Zu selbst gekochtem Menü, bestehend aus Schnitzel, Kartoffelpüree und Tiramisu, schallen tief religiöse Bekehrungsversuche, überraschende Liebesbekenntnisse oder wilde Verdächtigungen durch den Raum. Die Atmosphäre ist lebendig und man fühlt sich 150 Jahre zurückversetzt. Jeder ist Teil der viktorianischen Gesellschaft.
Niemand in der Runde hat ein reines Gewissen, jeder belastet den anderen mit neuen Beweisen, die diesen zum potenziellen Massenmörder werden lassen könnten. Das Ganze ähnelt einem Improvisationstheater.
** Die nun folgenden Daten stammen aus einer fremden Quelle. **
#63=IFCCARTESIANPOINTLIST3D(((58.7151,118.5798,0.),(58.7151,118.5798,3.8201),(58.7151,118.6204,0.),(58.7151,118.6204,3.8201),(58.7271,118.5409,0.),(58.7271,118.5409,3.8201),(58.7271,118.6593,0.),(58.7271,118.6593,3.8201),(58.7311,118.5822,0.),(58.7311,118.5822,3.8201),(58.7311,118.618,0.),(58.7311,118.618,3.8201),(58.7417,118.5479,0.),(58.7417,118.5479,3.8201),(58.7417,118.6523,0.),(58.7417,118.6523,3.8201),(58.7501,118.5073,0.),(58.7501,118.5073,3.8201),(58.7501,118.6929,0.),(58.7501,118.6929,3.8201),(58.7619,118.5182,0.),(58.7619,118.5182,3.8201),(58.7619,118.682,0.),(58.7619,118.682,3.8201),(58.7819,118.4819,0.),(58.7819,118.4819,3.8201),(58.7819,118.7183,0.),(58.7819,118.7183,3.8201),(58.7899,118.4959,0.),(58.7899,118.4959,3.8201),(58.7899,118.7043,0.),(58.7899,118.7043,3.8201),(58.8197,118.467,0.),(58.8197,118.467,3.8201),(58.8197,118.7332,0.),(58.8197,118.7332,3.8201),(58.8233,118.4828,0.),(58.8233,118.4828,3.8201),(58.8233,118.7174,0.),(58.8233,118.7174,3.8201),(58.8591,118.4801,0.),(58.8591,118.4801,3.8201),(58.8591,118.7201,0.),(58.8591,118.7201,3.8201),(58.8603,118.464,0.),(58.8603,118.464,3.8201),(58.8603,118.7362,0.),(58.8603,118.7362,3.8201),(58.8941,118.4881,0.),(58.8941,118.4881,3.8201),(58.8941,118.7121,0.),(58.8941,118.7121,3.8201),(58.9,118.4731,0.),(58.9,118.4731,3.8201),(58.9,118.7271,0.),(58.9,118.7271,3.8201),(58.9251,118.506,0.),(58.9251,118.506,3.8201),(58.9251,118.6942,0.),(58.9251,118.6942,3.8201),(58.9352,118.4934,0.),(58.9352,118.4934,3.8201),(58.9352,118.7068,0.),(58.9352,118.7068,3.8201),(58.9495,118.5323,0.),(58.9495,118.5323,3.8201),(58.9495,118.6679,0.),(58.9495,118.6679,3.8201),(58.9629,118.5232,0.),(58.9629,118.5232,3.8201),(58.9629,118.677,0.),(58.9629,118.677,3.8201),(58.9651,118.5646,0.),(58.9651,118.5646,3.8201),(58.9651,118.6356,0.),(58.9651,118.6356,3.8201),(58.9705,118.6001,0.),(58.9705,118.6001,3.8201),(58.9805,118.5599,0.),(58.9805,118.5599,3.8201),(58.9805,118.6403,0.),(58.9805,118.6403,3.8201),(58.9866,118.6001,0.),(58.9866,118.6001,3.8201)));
Sei es illegaler Organhandel, Kleptomanie oder die Geheimbundmitgliedschaft, die Liste der dunklen Geheimnisse, die Stück für Stück ans Licht kommen, ist lang.
Nach drei Stunden Spielzeit und anschließend hitziger Diskussion, ist der Fall gelöst. So undurchdringlich und verwoben waren die Handlungsstränge, dass schon ein gewisses Genie erforderlich war, sie alle zu entwirren.
Die Autorin ist selbst leidenschaftliche Anhängerin dieser beliebten Rollenspielform und hat für ihre Recherche in Filmen und Büchern einige Stunden investiert. Das alles neben ihrem eigentlichen Beruf als Sozialpädagogin an einer Schule im Dachauer Land.
Großen Spielspaß an diesem Abend erlebt auch die 18-jährige Franca Maitherth, der man ihre Theatererfahrung anmerkt. In einem Schulstück wirkt sie als Josef K. in Kafkas „Der Prozess“mit. „Zusammen von Runde zu Runde spannende Zusammenhänge herauszufinden und mit der eigenen schauspielerischen Leistung zur Lösung des Falls beizutragen, macht schon Spaß“, sagt sie.